Ja, und ich darf die Kühlschränke auch nur mit ihren Getränken füllen. Aber die Firmen bringen mir regelmässig Nachschub, was sehr komfortabel ist. Die Kühlschränke sollten nämlich nicht leer sein. Ausserdem haben mir die Werbefritzen von Coca-Cola und Brahma Dekomaterial für meine Bar dagelassen. Als die Fans während der WM-Spiele hier auf der Strasse feierten, habe ich so viel eingenommen wie sonst in einer Woche.

Wie läuft normalerweise das Geschäft?
Ach, ganz normal. Wir sind eine Bar, in der sich die Nachbarschaft trifft, um ein Bier oder einen Schnaps zu trinken. Die Leute kommen vorbei, um Streichhölzer, Kaugummis, Zigaretten oder Kartoffelchips zu kaufen. Ich öffne um zehn Uhr morgens und schliesse um Mitternacht. Jeden Tag ausser montags. Ich schätze, dass im Durchschnitt täglich 200 Leute bei mir vorbeischauen. Ich kenne die meisten mit Vornamen. Meine Frau bereitet in der Küche Essen vor, das hier in der Vitrine steht: Trockenfleisch, Würstchen, Hühnchen, Rippchen.

Und so kommen Sie über die Runden?
Ja. Aber nur, weil meine beiden erwachsenen Kinder berufstätig sind und zum Haushaltseinkommen beitragen. Wir wohnen alle zusammen in einem kleinen Haus, das ich gekauft habe. Es liegt hier in der Nähe, in einem Viertel mit sehr einfachen Menschen. Woanders würde man das «Favela» nennen. Aber ich bevorzuge den Begriff «comunidade», Gemeinde. Die Preise sind in São Paulo in den vergangenen Jahren so stark gestiegen, dass wir unser Geld zusammenlegen müssen. Keins meiner Kinder – ich habe eine Tochter und 
einen Sohn – könnte alleine wohnen, die Mieten sind hier viel zu hoch. Seit feststand, dass die WM hier stattfindet, ist zum Beispiel die Pacht für meine Kneipe von 1100 Reais auf 1500 Reais angestiegen.

Sie liegt also nun bei 600 Franken. Was halten Sie vom neuen Stadion? Ursprünglich sollte es 820 Millionen Reais kosten. Am Ende wurden 1,4 Milliarden Reais daraus (mehr als 560 Millionen Franken).
Die Differenz ist in privaten Taschen verschwunden. Das ist doch in Brasilien so üblich, die Korruption, die Vetternwirtschaft, das weiss doch jeder. Die Baukonzerne und die Immobilienunternehmen bezahlen die Wahlkämpfe der Parteien. Das ist eine grosse Mafia. Aber ich will nicht meckern. Wir alle fahren mal bei Rot über die Ampel. Diese Mentalität gibt es auch bei den kleinen Leuten.
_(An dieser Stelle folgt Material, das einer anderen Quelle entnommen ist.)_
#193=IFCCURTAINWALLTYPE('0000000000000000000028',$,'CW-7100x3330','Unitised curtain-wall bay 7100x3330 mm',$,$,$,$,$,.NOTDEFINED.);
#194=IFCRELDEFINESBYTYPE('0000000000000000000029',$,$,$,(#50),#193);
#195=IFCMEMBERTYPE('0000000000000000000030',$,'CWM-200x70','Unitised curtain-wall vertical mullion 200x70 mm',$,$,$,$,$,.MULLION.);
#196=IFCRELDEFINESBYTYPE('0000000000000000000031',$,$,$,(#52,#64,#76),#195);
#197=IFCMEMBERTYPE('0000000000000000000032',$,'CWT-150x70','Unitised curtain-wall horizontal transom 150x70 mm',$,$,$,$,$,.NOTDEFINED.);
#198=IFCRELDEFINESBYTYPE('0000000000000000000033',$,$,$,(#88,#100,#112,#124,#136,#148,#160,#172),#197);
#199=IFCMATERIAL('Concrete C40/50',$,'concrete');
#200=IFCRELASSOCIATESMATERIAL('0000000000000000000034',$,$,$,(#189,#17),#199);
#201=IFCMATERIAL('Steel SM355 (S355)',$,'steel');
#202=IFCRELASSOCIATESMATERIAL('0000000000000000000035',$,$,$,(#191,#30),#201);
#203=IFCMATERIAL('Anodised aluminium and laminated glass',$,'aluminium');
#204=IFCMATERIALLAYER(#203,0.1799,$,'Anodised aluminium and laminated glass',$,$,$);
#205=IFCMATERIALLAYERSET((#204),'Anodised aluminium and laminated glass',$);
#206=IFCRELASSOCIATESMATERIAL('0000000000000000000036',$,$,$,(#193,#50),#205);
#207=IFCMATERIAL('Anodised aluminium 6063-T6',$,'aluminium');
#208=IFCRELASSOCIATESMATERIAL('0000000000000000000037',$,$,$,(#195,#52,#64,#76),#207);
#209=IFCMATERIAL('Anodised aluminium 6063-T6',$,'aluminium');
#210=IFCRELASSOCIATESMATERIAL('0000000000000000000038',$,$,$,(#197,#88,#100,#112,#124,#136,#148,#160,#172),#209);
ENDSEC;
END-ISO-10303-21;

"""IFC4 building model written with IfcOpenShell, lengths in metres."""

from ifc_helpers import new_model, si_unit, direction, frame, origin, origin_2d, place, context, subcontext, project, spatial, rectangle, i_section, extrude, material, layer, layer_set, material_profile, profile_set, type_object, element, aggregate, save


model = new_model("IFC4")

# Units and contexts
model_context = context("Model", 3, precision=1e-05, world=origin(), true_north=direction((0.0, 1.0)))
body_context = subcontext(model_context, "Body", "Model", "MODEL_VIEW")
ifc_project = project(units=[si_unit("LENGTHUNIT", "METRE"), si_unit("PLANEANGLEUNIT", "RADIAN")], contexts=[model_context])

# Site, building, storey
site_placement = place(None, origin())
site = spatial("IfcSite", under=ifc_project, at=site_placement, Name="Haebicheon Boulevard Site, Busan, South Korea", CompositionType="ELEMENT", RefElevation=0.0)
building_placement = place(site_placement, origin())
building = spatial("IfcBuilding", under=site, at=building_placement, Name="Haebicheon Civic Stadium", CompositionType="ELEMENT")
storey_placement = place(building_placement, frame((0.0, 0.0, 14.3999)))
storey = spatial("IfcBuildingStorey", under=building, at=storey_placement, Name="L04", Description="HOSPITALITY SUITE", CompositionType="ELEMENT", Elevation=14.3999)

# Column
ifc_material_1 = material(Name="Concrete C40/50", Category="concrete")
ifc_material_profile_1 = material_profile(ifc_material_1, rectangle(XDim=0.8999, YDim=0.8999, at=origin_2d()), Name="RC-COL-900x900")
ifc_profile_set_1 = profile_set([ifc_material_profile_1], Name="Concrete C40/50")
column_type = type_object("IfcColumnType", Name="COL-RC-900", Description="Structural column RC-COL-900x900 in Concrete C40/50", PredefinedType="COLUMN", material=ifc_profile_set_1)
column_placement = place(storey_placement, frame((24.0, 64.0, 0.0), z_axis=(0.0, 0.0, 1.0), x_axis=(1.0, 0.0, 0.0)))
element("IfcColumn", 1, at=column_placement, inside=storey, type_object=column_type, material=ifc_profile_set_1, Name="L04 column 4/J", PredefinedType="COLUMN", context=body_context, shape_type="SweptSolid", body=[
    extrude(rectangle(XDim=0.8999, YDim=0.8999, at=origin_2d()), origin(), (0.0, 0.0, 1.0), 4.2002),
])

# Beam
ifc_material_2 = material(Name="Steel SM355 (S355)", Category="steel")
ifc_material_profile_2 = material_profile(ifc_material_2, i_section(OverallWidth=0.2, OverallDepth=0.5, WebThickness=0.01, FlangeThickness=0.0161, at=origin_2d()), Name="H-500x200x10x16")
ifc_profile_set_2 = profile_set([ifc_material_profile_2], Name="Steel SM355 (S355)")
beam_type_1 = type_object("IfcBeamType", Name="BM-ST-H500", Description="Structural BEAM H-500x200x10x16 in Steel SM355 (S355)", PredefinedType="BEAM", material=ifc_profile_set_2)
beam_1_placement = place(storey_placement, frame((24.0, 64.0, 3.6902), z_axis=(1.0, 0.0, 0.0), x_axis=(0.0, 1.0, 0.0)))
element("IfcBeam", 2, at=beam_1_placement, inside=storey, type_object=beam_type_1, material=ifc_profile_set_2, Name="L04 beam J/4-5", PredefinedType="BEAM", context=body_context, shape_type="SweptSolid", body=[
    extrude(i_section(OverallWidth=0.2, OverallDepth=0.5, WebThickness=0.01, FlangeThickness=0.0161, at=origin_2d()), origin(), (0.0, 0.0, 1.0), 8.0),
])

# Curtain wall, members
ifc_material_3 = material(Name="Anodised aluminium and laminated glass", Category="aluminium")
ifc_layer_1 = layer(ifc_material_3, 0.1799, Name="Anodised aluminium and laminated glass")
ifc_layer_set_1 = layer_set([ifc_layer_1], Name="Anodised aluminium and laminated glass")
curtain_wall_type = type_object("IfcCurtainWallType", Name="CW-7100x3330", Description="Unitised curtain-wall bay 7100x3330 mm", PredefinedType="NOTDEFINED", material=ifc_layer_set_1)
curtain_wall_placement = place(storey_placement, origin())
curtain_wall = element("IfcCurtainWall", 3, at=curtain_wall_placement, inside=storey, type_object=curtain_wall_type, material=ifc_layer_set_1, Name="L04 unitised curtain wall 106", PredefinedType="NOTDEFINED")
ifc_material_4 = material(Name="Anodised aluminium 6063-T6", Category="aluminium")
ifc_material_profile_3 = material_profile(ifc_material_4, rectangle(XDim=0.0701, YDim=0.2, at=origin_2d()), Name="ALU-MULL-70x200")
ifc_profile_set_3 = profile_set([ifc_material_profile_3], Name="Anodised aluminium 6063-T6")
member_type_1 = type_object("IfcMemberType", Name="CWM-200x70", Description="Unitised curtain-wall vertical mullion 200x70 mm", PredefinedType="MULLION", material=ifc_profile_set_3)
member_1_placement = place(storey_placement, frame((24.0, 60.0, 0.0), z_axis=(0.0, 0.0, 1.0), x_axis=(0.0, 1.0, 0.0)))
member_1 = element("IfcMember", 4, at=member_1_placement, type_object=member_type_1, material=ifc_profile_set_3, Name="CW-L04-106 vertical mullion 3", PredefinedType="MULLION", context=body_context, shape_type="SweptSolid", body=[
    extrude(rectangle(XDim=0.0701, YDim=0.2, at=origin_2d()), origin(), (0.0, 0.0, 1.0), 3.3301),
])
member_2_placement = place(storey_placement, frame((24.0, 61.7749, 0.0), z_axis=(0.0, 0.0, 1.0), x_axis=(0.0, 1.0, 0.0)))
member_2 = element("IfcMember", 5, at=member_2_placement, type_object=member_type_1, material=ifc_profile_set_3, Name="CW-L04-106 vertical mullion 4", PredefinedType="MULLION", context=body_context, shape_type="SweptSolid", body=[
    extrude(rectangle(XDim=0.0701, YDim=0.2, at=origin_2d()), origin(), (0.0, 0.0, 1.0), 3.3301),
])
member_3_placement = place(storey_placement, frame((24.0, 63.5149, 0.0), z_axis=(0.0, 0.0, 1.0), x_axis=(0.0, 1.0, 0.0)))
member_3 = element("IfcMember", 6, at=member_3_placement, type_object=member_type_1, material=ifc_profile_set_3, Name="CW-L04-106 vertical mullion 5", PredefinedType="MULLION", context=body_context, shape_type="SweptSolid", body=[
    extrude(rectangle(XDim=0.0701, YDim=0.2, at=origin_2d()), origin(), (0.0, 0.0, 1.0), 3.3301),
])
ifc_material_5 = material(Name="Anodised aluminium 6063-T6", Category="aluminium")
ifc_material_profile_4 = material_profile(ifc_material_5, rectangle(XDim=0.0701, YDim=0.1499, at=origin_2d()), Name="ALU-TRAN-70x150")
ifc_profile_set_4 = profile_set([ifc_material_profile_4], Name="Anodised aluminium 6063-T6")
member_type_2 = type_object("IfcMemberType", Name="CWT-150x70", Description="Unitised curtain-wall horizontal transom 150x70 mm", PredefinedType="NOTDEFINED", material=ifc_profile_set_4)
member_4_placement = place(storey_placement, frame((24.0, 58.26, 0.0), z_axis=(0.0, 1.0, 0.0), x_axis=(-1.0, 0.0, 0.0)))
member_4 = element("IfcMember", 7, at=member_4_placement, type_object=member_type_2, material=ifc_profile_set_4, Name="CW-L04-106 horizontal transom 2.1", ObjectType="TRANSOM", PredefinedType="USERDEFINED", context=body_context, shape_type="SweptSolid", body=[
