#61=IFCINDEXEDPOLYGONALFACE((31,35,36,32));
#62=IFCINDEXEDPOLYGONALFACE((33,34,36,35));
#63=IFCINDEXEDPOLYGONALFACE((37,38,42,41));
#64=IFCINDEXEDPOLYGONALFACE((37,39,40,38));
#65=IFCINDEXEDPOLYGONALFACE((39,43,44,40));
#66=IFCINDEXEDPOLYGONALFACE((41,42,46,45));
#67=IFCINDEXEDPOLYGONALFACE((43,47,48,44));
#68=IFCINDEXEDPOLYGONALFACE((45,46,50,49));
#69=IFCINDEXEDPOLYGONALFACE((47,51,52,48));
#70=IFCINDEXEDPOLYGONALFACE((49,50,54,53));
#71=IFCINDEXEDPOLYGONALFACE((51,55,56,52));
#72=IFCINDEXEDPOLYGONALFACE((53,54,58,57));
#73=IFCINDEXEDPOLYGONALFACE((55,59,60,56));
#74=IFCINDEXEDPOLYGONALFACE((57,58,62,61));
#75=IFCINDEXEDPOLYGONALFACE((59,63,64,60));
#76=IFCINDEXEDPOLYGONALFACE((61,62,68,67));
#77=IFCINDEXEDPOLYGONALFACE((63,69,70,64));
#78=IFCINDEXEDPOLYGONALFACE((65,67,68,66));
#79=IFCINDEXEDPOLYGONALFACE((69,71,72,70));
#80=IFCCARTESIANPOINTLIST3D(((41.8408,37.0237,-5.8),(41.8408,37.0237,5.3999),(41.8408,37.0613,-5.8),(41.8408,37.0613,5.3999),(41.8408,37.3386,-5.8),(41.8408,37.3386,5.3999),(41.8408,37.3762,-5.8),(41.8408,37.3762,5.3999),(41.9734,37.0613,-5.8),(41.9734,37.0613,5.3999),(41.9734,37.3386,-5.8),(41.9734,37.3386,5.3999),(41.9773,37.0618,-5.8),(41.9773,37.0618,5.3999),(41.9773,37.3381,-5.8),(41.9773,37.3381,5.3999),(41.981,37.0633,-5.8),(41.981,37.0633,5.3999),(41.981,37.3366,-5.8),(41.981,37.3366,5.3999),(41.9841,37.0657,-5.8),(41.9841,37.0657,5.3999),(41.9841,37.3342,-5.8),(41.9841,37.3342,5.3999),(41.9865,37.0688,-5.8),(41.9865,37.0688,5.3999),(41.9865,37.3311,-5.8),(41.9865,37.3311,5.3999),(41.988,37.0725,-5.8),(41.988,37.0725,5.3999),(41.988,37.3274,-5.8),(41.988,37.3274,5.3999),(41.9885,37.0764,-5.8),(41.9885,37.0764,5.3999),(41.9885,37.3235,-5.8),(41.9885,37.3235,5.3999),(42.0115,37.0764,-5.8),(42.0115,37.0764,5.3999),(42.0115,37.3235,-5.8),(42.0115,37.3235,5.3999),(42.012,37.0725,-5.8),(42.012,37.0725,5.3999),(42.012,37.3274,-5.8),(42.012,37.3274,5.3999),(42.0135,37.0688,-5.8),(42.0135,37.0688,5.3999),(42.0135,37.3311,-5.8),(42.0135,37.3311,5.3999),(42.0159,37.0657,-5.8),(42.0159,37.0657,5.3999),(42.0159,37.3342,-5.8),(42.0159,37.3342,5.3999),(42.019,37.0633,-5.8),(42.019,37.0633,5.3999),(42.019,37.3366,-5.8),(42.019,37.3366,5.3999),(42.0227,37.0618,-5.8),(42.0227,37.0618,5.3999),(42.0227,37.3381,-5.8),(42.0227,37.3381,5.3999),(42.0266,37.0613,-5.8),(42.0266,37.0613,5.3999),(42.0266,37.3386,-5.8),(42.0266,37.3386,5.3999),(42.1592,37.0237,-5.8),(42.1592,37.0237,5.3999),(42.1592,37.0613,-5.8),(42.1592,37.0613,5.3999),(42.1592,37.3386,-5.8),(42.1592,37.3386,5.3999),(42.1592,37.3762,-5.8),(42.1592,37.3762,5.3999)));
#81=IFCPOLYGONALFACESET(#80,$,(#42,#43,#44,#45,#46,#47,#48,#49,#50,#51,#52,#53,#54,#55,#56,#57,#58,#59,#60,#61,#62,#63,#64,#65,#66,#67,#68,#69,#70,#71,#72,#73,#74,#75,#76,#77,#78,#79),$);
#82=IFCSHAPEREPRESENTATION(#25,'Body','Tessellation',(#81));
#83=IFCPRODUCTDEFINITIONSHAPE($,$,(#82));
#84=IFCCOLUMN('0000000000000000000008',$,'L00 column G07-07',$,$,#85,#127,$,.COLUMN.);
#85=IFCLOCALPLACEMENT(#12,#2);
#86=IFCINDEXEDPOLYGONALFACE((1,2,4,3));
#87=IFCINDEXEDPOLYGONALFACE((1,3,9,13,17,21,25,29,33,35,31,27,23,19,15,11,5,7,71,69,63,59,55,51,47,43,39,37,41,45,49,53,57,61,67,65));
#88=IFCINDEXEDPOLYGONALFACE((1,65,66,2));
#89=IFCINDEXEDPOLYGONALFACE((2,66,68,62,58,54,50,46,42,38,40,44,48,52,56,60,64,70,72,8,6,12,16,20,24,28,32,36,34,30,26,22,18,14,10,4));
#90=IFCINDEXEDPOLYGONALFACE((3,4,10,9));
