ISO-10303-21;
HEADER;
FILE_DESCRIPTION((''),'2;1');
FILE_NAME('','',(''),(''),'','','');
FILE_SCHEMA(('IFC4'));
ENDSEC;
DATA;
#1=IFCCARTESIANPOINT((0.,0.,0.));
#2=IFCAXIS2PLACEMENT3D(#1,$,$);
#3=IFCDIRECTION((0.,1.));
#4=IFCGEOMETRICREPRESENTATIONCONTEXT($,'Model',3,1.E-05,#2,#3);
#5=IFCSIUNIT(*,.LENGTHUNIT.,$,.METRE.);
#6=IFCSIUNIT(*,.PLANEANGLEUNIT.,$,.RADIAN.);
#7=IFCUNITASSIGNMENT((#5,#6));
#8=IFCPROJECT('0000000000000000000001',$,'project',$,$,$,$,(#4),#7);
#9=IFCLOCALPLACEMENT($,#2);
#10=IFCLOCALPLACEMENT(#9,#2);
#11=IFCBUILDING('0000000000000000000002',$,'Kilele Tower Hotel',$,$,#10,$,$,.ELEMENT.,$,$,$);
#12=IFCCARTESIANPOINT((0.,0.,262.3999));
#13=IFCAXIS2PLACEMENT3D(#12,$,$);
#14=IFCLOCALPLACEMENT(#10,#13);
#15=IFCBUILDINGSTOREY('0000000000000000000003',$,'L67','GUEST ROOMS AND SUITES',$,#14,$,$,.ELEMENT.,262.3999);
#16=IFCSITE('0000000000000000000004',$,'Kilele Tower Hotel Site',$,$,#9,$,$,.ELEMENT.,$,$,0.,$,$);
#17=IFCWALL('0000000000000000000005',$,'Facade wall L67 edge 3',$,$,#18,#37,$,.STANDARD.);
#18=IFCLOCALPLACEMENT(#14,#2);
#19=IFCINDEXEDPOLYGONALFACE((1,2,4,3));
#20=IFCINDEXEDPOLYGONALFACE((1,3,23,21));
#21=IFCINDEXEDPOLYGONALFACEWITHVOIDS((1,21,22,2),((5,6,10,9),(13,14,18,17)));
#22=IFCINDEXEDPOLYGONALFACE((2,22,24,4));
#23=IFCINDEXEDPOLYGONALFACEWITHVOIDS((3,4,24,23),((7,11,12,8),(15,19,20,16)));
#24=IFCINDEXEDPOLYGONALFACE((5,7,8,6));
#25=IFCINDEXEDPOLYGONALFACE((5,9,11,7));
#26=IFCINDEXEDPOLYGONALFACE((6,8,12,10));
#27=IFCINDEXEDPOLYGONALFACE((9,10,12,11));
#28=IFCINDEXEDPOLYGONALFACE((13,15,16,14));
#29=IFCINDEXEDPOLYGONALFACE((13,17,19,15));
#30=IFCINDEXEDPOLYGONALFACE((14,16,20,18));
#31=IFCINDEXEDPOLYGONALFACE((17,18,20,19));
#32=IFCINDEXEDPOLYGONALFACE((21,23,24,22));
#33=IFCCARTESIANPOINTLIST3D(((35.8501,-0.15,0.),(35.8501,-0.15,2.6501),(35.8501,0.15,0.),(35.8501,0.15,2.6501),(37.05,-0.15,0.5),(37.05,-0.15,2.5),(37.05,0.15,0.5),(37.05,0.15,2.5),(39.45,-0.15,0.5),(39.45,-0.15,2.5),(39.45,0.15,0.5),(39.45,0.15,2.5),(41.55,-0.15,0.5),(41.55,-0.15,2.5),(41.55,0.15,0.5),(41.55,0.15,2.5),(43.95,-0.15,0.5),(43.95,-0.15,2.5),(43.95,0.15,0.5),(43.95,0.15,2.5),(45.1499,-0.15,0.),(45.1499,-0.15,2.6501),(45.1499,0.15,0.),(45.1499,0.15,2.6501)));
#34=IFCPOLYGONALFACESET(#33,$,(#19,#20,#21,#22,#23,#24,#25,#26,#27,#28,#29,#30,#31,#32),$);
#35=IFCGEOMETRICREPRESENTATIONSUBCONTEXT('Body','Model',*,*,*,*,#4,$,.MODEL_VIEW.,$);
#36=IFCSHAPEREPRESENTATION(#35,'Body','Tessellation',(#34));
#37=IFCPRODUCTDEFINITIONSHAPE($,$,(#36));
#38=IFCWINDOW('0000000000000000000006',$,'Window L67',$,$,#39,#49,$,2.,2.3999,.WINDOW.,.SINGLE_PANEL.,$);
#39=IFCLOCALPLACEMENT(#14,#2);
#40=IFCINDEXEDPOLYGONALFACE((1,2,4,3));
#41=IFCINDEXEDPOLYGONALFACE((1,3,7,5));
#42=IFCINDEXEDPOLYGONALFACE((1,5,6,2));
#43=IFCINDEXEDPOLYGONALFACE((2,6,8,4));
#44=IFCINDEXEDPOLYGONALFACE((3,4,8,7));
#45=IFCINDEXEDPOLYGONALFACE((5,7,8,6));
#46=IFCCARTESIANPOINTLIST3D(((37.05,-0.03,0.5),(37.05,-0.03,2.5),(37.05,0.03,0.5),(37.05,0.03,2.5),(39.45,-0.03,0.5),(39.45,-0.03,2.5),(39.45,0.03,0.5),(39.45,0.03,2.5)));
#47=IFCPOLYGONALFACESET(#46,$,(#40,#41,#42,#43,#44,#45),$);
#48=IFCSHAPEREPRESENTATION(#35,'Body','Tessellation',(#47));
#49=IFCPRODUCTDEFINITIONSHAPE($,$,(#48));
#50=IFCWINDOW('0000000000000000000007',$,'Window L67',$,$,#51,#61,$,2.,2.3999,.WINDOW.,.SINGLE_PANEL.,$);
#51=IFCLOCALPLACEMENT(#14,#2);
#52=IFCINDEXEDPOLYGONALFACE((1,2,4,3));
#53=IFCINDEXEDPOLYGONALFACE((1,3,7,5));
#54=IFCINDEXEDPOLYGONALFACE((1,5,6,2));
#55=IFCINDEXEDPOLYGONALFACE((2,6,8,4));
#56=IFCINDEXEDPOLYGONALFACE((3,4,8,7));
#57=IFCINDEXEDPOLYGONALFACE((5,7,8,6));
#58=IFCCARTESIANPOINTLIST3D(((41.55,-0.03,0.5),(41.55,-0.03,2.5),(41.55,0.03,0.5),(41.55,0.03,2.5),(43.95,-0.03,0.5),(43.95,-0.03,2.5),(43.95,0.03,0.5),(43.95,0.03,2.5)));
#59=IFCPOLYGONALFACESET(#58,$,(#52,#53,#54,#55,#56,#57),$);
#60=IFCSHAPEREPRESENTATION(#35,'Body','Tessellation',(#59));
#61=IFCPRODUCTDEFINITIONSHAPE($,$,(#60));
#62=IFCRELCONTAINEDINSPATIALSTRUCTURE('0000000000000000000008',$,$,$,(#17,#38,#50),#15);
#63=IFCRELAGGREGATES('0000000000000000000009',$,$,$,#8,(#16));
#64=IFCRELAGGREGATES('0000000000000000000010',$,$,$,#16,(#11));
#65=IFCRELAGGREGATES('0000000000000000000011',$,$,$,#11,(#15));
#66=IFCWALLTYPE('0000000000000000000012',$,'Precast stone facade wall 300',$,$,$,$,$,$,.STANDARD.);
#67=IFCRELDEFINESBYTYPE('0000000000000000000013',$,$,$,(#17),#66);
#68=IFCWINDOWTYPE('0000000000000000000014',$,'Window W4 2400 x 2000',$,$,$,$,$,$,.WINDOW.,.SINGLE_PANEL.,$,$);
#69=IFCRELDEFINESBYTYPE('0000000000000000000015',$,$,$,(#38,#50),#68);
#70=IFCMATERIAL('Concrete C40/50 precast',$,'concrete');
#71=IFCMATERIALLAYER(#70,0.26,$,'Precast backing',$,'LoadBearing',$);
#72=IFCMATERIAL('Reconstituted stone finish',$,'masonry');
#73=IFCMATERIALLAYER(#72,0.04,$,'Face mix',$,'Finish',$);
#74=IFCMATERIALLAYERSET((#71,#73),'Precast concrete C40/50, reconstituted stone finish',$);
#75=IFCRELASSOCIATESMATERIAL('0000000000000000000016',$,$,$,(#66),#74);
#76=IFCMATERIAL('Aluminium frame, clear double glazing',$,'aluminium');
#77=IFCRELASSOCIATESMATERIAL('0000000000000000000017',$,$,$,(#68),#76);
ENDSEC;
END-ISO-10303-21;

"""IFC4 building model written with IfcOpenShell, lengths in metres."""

from ifc_helpers import new_model, si_unit, direction, frame, frame_2d, origin, place, context, subcontext, project, spatial, rectangle, extrude, material, layer, layer_set, type_object, element, fill, save


model = new_model("IFC4")

# Units and contexts
model_context = context("Model", 3, precision=1e-05, world=origin(), true_north=direction((0.0, 1.0)))
body_context = subcontext(model_context, "Body", "Model", "MODEL_VIEW")
ifc_project = project(units=[si_unit("LENGTHUNIT", "METRE"), si_unit("PLANEANGLEUNIT", "RADIAN")], contexts=[model_context])

# Site, building, storey
site_placement = place(None, origin())
site = spatial("IfcSite", under=ifc_project, at=site_placement, Name="Kilele Tower Hotel Site", CompositionType="ELEMENT", RefElevation=0.0)
building_placement = place(site_placement, origin())
building = spatial("IfcBuilding", under=site, at=building_placement, Name="Kilele Tower Hotel", CompositionType="ELEMENT")
storey_placement = place(building_placement, frame((0.0, 0.0, 262.3999)))
storey = spatial("IfcBuildingStorey", under=building, at=storey_placement, Name="L67", Description="GUEST ROOMS AND SUITES", CompositionType="ELEMENT", Elevation=262.3999)

# Wall, openings, windows
ifc_material_1 = material(Name="Concrete C40/50 precast", Category="concrete")
ifc_layer_1 = layer(ifc_material_1, 0.26, Name="Precast backing", Category="LoadBearing")
ifc_material_2 = material(Name="Reconstituted stone finish", Category="masonry")
ifc_layer_2 = layer(ifc_material_2, 0.04, Name="Face mix", Category="Finish")
ifc_layer_set_1 = layer_set([ifc_layer_1, ifc_layer_2], Name="Precast concrete C40/50, reconstituted stone finish")
wall_type_1 = type_object("IfcWallType", Name="Precast stone facade wall 300", PredefinedType="STANDARD", material=ifc_layer_set_1)
wall_1_placement = place(storey_placement, frame((35.8501, 0.0, 0.0), z_axis=(0.0, 0.0, 1.0), x_axis=(1.0, 0.0, 0.0)))
wall_1 = element("IfcWall", 1, at=wall_1_placement, inside=storey, type_object=wall_type_1, Name="Facade wall L67 edge 3", PredefinedType="STANDARD", context=body_context, shape_type="SweptSolid", body=[
    extrude(rectangle(XDim=9.2998, YDim=0.3, at=frame_2d((4.6499, 0.0))), origin(), (0.0, 0.0, 1.0), 2.6501),
])
opening_1_placement = place(wall_1_placement, frame((1.2, 0.0, 0.5)))
opening_1 = element("IfcOpeningElement", 2, at=opening_1_placement, cuts=wall_1, PredefinedType="OPENING", context=body_context, shape_type="SweptSolid", body=[
    extrude(rectangle(XDim=2.3999, YDim=2.0, at=frame_2d((1.2, 1.0))), frame((0.0, 0.1599, 0.0), z_axis=(0.0, -1.0, 0.0), x_axis=(1.0, 0.0, 0.0)), (0.0, 0.0, 1.0), 0.3201),
])
opening_2_placement = place(wall_1_placement, frame((5.7, 0.0, 0.5)))
opening_2 = element("IfcOpeningElement", 3, at=opening_2_placement, cuts=wall_1, PredefinedType="OPENING", context=body_context, shape_type="SweptSolid", body=[
    extrude(rectangle(XDim=2.3999, YDim=2.0, at=frame_2d((1.2, 1.0))), frame((0.0, 0.1599, 0.0), z_axis=(0.0, -1.0, 0.0), x_axis=(1.0, 0.0, 0.0)), (0.0, 0.0, 1.0), 0.3201),
])
ifc_material_3 = material(Name="Aluminium frame, clear double glazing", Category="aluminium")
window_type = type_object("IfcWindowType", Name="Window W4 2400 x 2000", PartitioningType="SINGLE_PANEL", PredefinedType="WINDOW", material=ifc_material_3)
window_1_placement = place(opening_1_placement, origin())
window_1 = element("IfcWindow", 4, at=window_1_placement, inside=storey, type_object=window_type, Name="Window L67", OverallHeight=2.0, OverallWidth=2.3999, PartitioningType="SINGLE_PANEL", PredefinedType="WINDOW", context=body_context, shape_type="SweptSolid", body=[
    extrude(rectangle(XDim=2.3999, YDim=2.0, at=frame_2d((1.2, 1.0))), frame((0.0, 0.03, 0.0), z_axis=(0.0, -1.0, 0.0), x_axis=(1.0, 0.0, 0.0)), (0.0, 0.0, 1.0), 0.0601),
])
fill(opening_1, window_1)
window_2_placement = place(opening_2_placement, origin())
window_2 = element("IfcWindow", 5, at=window_2_placement, inside=storey, type_object=window_type, Name="Window L67", OverallHeight=2.0, OverallWidth=2.3999, PartitioningType="SINGLE_PANEL", PredefinedType="WINDOW", context=body_context, shape_type="SweptSolid", body=[
    extrude(rectangle(XDim=2.3999, YDim=2.0, at=frame_2d((1.2, 1.0))), frame((0.0, 0.03, 0.0), z_axis=(0.0, -1.0, 0.0), x_axis=(1.0, 0.0, 0.0)), (0.0, 0.0, 1.0), 0.0601),
])
fill(opening_2, window_2)

save(model, "model.ifc")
Aber klar ist auch: In Brasilien werden die Reichen immer reicher.

Wie haben Sie die vergangenen zehn Jahre erlebt, die Jahre der Arbeiterpartei PT von Lula da Silva und Präsidentin Dilma Rousseff?
Für die kleinen Leute waren es gute Jahre. Jeder, der das bestreitet, ist ein Lügner. Lula und Dilma haben sich zum ersten Mal um die einfachen Menschen gekümmert. Lula noch mehr als Dilma. Er war früher Metallarbeiter – das war ich auch mal. Ich hatte schon viele Jobs. Heute stehe ich hinter der Bar, und ich bekomme eins mit: Alle meine Kunden haben ein wenig mehr Geld in der Tasche.

Haben Sie ein Lieblingsgetränk?
Milch! Spass beiseite. Ich komme aus Bahia, genauer gesagt aus dem Sertão. Das ist eine raue Gegend, in der es bis heute Räuber gibt. Ich trinke natürlich gerne Schnaps: Cachaça. Besonders jetzt, im Winter, wo es kalt ist. Möchten Sie einen?

Tadeu Souza (48) verliess vor dreissig Jahren seine Heimat Bahia im armen Nordosten Brasiliens und ging nach São Paulo. Hier arbeitete er als Metallarbeiter und Bäcker, bevor er seine kleine Bar eröffnete. Sie liegt in Blickweite der Arena Corinthians, eines der zwölf WM-Stadien.